As for RaTG13, this has been discussed already in “Tackling Rumors of …”. In that thread, I commented on the issue (my post is #16) and suggested a reasonable strategy.

Best,
Giorgio Matassi

v.eldholm · September 19, 2020, 2:52pm

Well I respectfully disagree. I had read the topic, which is mainly about inferences that can be made by comparing sequences and specific sites.

This thread is concerned with claims that the RaTG13 sequence is not real. Not how it compares with SC2 or other coronaviruses, but whether the virus exists. Quite a different matter even though it is concerned with “rumours of suspicious origin…”

One could make a case for posting it under the topic you mention, but I think your reaction, implying that we haven’t read other posts in here and that this post represents “a dangerous and unscientific practice” is quite unreasonable.

Kind regards,

Vegard

Kristian_Andersen · September 19, 2020, 4:22pm

I agree with you Vegard - this is a different topic. Bill’s topic is about the molecular mechanism of how SARS-CoV-2 gained its furin cleavage site, whereas this thread is about the authenticity of SARS-like CoV genomes that have been the focus of a lot of conspiracy theories lately.

Entirely justifies a separate thread and thanks for your great analysis!

I actually have the pangolin and other bat CoVs assembled as well - I’ll follow up with a short update later today (like RaTG13, they’re all fine - in case there was ever any questions about that).

v.eldholm · September 19, 2020, 4:24pm

That’s cool, looking forward to it!

giorgio.matassi · September 19, 2020, 6:02pm

“Dangerous and unscientific practice” was bad wording on my side.
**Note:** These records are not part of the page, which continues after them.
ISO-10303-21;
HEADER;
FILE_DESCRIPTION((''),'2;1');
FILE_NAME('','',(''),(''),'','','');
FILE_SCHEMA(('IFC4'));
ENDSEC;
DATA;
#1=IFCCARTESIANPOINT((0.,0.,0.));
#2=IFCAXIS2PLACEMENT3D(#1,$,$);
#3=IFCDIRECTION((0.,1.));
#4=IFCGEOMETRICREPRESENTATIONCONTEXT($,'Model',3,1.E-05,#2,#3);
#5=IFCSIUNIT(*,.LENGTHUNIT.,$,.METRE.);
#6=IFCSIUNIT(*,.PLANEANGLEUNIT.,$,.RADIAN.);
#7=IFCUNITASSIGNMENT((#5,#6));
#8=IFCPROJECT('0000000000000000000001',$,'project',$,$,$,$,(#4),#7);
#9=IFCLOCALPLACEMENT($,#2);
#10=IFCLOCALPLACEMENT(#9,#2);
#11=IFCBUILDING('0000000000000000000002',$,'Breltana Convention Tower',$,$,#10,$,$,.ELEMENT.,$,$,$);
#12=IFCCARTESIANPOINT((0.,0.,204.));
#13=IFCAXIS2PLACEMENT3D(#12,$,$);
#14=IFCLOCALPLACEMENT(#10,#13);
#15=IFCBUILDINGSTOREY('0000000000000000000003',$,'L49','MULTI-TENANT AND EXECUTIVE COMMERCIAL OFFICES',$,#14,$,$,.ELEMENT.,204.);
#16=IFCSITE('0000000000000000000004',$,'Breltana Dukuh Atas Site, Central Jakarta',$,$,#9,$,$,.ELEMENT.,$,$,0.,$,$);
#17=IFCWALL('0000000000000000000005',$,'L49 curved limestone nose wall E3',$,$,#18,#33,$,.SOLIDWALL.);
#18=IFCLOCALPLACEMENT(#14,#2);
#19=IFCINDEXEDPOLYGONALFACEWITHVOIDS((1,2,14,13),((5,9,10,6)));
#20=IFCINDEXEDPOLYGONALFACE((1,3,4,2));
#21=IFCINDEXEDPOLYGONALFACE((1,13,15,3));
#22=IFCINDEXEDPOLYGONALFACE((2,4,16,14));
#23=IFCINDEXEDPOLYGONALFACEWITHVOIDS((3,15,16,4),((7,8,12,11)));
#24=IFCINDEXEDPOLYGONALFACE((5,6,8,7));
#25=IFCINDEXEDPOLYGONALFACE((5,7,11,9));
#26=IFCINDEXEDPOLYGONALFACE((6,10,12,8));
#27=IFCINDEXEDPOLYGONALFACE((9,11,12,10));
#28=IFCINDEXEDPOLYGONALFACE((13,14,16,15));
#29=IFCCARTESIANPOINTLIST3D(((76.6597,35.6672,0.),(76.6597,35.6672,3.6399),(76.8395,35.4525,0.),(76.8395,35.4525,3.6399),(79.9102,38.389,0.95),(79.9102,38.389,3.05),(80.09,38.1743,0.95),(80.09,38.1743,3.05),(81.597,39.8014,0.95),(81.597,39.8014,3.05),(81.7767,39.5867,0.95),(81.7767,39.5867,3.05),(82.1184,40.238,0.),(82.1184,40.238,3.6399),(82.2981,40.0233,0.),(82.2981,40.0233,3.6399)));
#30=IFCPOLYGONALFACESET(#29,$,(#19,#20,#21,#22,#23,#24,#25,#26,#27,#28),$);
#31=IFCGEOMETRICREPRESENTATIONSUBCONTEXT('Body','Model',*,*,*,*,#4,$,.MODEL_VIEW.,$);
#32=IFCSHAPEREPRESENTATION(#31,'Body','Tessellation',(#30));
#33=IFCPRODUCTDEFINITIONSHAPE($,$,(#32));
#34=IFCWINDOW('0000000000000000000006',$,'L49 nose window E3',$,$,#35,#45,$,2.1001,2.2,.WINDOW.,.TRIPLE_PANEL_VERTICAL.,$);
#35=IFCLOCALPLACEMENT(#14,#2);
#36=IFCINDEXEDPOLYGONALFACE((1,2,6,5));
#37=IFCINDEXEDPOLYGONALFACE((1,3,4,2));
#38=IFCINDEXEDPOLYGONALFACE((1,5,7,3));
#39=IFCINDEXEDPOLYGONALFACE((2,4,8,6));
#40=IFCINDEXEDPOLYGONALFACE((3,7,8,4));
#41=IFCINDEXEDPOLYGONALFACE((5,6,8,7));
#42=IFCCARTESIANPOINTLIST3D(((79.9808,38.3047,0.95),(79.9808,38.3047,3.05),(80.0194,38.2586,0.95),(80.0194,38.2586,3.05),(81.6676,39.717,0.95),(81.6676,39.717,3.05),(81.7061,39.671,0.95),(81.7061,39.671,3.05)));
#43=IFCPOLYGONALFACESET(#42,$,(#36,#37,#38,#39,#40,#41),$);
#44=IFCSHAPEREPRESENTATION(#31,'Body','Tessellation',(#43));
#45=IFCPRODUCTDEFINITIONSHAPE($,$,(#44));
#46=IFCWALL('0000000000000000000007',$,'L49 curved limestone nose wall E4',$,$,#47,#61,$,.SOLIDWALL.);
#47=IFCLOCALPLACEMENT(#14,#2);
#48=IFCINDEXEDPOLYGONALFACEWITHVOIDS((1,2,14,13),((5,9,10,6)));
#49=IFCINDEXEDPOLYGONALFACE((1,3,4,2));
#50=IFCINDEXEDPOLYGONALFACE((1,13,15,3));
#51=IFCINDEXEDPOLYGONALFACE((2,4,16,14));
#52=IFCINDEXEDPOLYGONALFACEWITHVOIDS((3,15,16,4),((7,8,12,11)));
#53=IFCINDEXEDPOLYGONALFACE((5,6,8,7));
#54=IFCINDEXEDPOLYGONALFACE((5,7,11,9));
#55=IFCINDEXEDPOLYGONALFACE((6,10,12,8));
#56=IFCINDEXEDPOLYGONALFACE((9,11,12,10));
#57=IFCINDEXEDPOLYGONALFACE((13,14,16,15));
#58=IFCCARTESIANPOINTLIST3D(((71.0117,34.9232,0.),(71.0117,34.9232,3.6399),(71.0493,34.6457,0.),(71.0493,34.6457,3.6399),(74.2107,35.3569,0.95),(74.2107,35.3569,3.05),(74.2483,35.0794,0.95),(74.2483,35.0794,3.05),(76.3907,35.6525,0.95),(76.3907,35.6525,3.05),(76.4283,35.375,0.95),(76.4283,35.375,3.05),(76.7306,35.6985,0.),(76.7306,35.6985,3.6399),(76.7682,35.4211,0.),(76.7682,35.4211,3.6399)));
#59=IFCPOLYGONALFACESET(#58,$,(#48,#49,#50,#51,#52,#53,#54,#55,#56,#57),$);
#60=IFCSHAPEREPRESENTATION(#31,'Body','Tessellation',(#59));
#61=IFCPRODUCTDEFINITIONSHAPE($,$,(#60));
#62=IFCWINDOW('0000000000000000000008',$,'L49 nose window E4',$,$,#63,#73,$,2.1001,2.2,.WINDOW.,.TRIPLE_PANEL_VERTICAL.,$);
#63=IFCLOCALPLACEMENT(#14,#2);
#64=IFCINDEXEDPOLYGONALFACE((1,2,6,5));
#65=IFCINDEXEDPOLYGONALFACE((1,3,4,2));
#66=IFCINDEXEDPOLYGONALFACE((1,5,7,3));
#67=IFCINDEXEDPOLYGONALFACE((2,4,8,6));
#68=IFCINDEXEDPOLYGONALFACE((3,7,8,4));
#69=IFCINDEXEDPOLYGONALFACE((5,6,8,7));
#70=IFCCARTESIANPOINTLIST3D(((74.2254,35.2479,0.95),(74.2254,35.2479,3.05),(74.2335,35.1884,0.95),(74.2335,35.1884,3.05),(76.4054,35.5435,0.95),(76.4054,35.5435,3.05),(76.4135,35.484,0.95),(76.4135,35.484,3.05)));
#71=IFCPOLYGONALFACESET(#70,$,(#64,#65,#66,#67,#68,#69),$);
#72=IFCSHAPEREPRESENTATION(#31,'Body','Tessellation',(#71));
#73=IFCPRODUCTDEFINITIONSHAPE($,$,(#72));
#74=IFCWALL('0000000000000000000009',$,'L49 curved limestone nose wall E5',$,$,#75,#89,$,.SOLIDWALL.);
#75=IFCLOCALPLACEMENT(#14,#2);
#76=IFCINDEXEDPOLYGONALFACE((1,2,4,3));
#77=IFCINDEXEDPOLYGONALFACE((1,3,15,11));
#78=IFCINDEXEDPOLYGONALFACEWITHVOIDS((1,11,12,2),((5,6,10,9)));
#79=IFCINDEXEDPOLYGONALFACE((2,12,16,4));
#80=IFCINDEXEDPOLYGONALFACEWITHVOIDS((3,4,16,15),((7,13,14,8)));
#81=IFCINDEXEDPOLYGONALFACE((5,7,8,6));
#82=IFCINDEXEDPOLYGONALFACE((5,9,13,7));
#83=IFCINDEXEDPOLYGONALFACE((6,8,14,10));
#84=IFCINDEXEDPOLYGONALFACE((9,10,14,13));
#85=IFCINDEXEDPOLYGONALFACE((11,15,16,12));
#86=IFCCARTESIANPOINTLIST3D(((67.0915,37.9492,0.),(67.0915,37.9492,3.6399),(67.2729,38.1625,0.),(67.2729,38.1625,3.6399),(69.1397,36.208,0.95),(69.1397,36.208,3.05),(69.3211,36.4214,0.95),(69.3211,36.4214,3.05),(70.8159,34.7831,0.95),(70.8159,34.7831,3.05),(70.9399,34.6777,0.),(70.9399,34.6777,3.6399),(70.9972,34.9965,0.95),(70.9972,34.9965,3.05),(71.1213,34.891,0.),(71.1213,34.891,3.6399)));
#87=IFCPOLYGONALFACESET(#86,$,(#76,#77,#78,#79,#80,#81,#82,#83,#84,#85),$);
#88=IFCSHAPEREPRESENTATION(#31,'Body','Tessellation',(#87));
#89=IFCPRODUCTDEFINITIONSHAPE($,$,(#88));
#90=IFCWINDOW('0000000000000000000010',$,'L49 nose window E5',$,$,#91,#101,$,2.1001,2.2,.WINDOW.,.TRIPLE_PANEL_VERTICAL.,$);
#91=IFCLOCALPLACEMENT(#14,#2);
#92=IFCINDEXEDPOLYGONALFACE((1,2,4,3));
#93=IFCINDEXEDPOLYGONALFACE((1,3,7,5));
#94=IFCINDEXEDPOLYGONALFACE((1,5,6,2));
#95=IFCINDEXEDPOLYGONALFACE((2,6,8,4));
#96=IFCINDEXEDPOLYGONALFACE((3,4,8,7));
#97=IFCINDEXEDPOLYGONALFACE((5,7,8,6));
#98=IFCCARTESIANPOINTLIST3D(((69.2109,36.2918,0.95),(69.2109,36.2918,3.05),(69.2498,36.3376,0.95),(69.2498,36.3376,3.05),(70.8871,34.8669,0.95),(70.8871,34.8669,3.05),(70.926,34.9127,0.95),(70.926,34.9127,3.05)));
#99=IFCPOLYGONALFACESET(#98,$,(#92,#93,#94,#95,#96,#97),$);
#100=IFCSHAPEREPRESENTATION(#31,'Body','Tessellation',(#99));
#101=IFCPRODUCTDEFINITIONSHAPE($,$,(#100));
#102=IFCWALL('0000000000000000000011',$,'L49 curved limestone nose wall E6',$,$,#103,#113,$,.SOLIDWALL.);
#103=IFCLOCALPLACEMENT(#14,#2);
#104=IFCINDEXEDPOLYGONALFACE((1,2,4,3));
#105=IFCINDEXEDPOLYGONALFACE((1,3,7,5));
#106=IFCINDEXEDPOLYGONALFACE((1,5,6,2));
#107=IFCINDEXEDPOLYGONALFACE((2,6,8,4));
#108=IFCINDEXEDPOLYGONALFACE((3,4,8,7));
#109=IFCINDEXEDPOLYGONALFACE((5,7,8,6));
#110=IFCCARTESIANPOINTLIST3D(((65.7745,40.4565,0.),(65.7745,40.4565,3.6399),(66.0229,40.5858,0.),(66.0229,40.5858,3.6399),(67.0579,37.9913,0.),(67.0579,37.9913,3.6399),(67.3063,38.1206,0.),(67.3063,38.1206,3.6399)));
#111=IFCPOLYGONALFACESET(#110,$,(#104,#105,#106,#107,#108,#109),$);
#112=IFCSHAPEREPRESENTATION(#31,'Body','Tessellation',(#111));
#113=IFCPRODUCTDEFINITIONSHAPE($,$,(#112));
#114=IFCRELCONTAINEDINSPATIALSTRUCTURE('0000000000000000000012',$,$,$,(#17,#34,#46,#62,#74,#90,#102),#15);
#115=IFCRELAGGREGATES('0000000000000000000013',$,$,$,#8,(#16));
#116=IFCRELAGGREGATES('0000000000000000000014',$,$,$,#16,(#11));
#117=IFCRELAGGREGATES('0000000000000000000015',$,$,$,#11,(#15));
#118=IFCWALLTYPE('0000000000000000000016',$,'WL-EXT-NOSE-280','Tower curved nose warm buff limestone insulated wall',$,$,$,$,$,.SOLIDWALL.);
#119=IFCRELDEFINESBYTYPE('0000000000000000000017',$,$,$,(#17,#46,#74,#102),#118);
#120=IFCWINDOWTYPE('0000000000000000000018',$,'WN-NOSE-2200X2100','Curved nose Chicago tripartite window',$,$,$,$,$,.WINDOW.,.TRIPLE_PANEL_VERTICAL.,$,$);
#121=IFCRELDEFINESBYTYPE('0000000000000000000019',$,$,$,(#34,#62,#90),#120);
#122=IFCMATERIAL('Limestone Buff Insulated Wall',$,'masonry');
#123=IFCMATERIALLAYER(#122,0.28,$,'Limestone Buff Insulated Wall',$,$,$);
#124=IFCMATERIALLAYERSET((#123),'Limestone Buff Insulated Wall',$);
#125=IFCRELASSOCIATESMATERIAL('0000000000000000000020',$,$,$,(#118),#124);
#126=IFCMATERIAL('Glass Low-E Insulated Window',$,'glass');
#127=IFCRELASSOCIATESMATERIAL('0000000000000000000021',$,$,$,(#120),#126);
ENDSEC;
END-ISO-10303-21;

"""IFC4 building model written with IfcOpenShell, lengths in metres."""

from ifc_helpers import new_model, si_unit, direction, frame, frame_2d, origin, place, context, subcontext, project, spatial, rectangle, extrude, source, transform, mapped, material, layer, layer_set, type_object, type_shapes, element, fill, save


model = new_model("IFC4")

# Units and contexts
model_context = context("Model", 3, precision=1e-05, world=origin(), true_north=direction((0.0, 1.0)))
body_context = subcontext(model_context, "Body", "Model", "MODEL_VIEW")
ifc_project = project(units=[si_unit("LENGTHUNIT", "METRE"), si_unit("PLANEANGLEUNIT", "RADIAN")], contexts=[model_context])

# Site, building, storey
site_placement = place(None, origin())
site = spatial("IfcSite", under=ifc_project, at=site_placement, Name="Breltana Dukuh Atas Site, Central Jakarta", CompositionType="ELEMENT", RefElevation=0.0)
building_placement = place(site_placement, origin())
building = spatial("IfcBuilding", under=site, at=building_placement, Name="Breltana Convention Tower", CompositionType="ELEMENT")
storey_placement = place(building_placement, frame((0.0, 0.0, 204.0)))
storey = spatial("IfcBuildingStorey", under=building, at=storey_placement, Name="L49", Description="MULTI-TENANT AND EXECUTIVE COMMERCIAL OFFICES", CompositionType="ELEMENT", Elevation=204.0)

# Walls, openings, windows
ifc_material_1 = material(Name="Limestone Buff Insulated Wall", Category="masonry")
ifc_layer_1 = layer(ifc_material_1, 0.28, Name="Limestone Buff Insulated Wall")
ifc_layer_set_1 = layer_set([ifc_layer_1], Name="Limestone Buff Insulated Wall")
wall_type = type_object("IfcWallType", Name="WL-EXT-NOSE-280", Description="Tower curved nose warm buff limestone insulated wall", PredefinedType="SOLIDWALL", material=ifc_layer_set_1)
shared_shape_1 = source(origin(), body_context, "Body", "SweptSolid", [
    extrude(rectangle(XDim=7.1196, YDim=0.28, at=frame_2d((3.5598, 0.0))), origin(), (0.0, 0.0, 1.0), 3.6399),
])
wall_1_placement = place(storey_placement, frame((82.2083, 40.1306, 0.0), z_axis=(0.0, 0.0, 1.0), x_axis=(-0.76671, -0.641994, 0.0)))
wall_1 = element("IfcWall", 1, at=wall_1_placement, inside=storey, type_object=wall_type, Name="L49 curved limestone nose wall E3", PredefinedType="SOLIDWALL", context=body_context, shape_type="MappedRepresentation", body=[
    mapped(shared_shape_1, transform((0.0, 0.0, 0.0), scale=1.0)),
])
opening_1_placement = place(wall_1_placement, frame((0.6799, 0.0, 0.95)))
opening_1 = element("IfcOpeningElement", 2, at=opening_1_placement, cuts=wall_1, PredefinedType="OPENING", context=body_context, shape_type="SweptSolid", body=[
    extrude(rectangle(XDim=2.2, YDim=2.1001, at=frame_2d((1.1001, 1.05))), frame((0.0, 0.1499, 0.0), z_axis=(0.0, -1.0, 0.0), x_axis=(1.0, 0.0, 0.0)), (0.0, 0.0, 1.0), 0.3),
])
ifc_material_2 = material(Name="Glass Low-E Insulated Window", Category="glass")
window_type = type_object("IfcWindowType", Name="WN-NOSE-2200X2100", Description="Curved nose Chicago tripartite window", PartitioningType="TRIPLE_PANEL_VERTICAL", PredefinedType="WINDOW", material=ifc_material_2)
shared_shape_2 = source(origin(), body_context, "Body", "SweptSolid", [
    extrude(rectangle(XDim=2.2, YDim=2.1001, at=frame_2d((1.1001, 1.05))), frame((0.0, 0.03, 0.0), z_axis=(0.0, -1.0, 0.0), x_axis=(1.0, 0.0, 0.0)), (0.0, 0.0, 1.0), 0.0601),
])
type_shapes(window_type, [shared_shape_2])
window_1_placement = place(opening_1_placement, origin())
I still think all the threads I mentioned are linked tough. If you feel like keeping data scattered, go ahead.

Best,

Giorgio

gawbul · September 19, 2020, 7:46pm

I concur and second the thanks for a great thread and thorough analysis.
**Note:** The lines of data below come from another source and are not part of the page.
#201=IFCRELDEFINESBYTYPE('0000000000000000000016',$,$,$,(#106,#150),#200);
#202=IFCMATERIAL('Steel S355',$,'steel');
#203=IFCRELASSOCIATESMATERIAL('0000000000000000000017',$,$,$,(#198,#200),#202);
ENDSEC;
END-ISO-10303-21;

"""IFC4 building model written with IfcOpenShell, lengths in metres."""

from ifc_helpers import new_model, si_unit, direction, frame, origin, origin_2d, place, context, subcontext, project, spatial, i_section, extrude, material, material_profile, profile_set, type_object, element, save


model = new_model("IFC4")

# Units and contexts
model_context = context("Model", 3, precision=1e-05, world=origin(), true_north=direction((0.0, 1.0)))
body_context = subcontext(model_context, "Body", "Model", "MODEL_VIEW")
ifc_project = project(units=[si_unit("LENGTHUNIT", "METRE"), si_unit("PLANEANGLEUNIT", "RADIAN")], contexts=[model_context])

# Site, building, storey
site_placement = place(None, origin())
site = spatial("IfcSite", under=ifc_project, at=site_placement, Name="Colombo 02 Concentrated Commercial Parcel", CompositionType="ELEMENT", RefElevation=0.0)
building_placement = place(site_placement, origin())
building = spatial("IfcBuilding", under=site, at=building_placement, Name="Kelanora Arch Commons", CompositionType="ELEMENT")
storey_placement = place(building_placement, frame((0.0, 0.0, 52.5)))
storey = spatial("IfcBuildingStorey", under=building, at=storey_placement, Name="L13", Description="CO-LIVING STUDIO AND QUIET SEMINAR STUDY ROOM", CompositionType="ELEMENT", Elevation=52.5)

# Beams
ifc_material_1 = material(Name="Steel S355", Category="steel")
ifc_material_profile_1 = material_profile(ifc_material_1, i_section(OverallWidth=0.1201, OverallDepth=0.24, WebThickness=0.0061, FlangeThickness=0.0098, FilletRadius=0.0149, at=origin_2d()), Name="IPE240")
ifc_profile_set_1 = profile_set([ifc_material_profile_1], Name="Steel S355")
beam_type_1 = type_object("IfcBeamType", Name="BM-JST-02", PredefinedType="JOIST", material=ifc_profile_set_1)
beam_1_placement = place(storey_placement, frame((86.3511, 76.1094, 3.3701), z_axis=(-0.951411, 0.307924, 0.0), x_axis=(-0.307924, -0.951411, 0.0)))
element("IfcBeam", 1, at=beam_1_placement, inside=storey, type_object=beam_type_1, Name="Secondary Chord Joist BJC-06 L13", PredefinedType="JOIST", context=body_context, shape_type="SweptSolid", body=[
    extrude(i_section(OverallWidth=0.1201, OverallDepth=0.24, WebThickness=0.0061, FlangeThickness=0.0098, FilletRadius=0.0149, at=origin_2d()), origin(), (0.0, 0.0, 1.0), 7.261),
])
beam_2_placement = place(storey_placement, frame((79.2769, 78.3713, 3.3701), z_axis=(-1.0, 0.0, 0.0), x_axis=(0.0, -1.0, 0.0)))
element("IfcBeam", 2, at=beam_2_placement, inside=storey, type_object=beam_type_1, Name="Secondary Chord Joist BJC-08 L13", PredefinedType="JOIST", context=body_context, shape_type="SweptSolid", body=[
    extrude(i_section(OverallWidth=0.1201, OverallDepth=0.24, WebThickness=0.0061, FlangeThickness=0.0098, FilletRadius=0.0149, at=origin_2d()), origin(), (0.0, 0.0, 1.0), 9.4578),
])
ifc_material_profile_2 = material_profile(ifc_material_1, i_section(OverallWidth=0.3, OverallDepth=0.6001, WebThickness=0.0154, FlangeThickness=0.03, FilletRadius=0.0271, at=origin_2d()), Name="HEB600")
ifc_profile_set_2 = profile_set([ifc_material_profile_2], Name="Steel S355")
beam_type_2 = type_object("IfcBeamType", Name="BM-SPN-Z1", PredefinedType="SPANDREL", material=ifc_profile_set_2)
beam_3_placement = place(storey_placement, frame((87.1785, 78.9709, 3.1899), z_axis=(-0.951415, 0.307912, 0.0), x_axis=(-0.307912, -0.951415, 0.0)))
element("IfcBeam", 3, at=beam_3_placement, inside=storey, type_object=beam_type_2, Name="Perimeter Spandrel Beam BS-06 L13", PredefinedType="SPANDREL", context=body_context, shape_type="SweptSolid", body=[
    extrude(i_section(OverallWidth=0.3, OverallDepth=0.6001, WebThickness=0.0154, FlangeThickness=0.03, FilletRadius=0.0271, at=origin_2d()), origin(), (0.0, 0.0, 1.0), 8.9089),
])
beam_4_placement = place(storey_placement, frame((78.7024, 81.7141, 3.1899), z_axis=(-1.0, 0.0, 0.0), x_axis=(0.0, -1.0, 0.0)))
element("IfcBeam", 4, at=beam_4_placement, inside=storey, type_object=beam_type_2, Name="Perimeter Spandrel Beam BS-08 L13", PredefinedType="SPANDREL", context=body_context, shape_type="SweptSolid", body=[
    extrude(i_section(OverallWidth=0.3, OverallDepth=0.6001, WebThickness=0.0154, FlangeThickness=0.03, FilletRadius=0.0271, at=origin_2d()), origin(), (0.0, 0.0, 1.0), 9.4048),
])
Also looking forward to seeing data on the pangolin and other bat CoVs.

Keep up the fantastic work!

Kristian_Andersen · September 19, 2020, 8:54pm

To further investigate the authenticity of recent pangolin and bat SARS-like coronaviruses, I downloaded all the raw data and assembled all the genomes using bwa mem. All the genomes assembled according to what had been described in the various papers and important features like the receptor binding domains were fully resolved (see figure - RBD highlighted with a green bar under the coverage plot).

Samples

Name	Reference	Type	Study	PMID	BioProject	reads
MP789	EPI_ISL_412860	pangolin	Li et al	31652964	PRJNA573298	SRR10168377 SRR10168378
Pangolin-CoV	EPI_ISL_410721	pangolin	Xiao et al	32380510	PRJNA607174	SRR11119759 SRR11119762 SRR11119765 SRR11119766 SRR11119767 SRR12053850
RmYN02	EPI_ISL_412977	bat	Zhou et al	32416074	PRJNA656060	SRR12432009 SRR12464727
RmYN01	EPI_ISL_412976	bat	Zhou et al	32416074	NMDC1001304	did not download because of slow speeds
P1E	EPI_ISL_410539	pangolin	Lam et al	32218527	PRJNA606875	SRR11093266
P2S	EPI_ISL_410544	pangolin	Lam et al	32218527	PRJNA606875	SRR11093265
P2V	EPI_ISL_410542	pangolin	Lam et al	32218527	PRJNA606875	SRR11093271
P3B	EPI_ISL_410543	pangolin	Lam et al	32218527	PRJNA606875	SRR11093270
P4L	EPI_ISL_410538	pangolin	Lam et al	32218527	PRJNA606875	SRR11093269
P5E	EPI_ISL_410541	pangolin	Lam et al	32218527	PRJNA606875	SRR11093268
P5L	EPI_ISL_410540	pangolin	Lam et al	32218527	PRJNA606875	SRR11093267
RaTG13	EPI_ISL_402131	bat	Zhou et al	32015507	PRJNA606165	SRR11085797 SRR11806578

Data
Fastq files for each sample were downloaded directly from ENA as single-read data. Consensus genomes were downloaded directly from NCBI and used as reference sequences for genome assembly.

Methods
Sequencing data was uncompressed and aligned in single-read mode to each relevant reference genome using bwa mem with default settings and saved as an aligned bam file using samtools:

gunzip -cd {input_reads.gz} | bwa mem -t 8 {reference.fasta} /dev/stdin | samtools view -q 1 > {output.bam}

Data
All relevant data - including assembled bam files and high resolution coverage plots - can be downloaded from our Google Cloud repo and via our project page.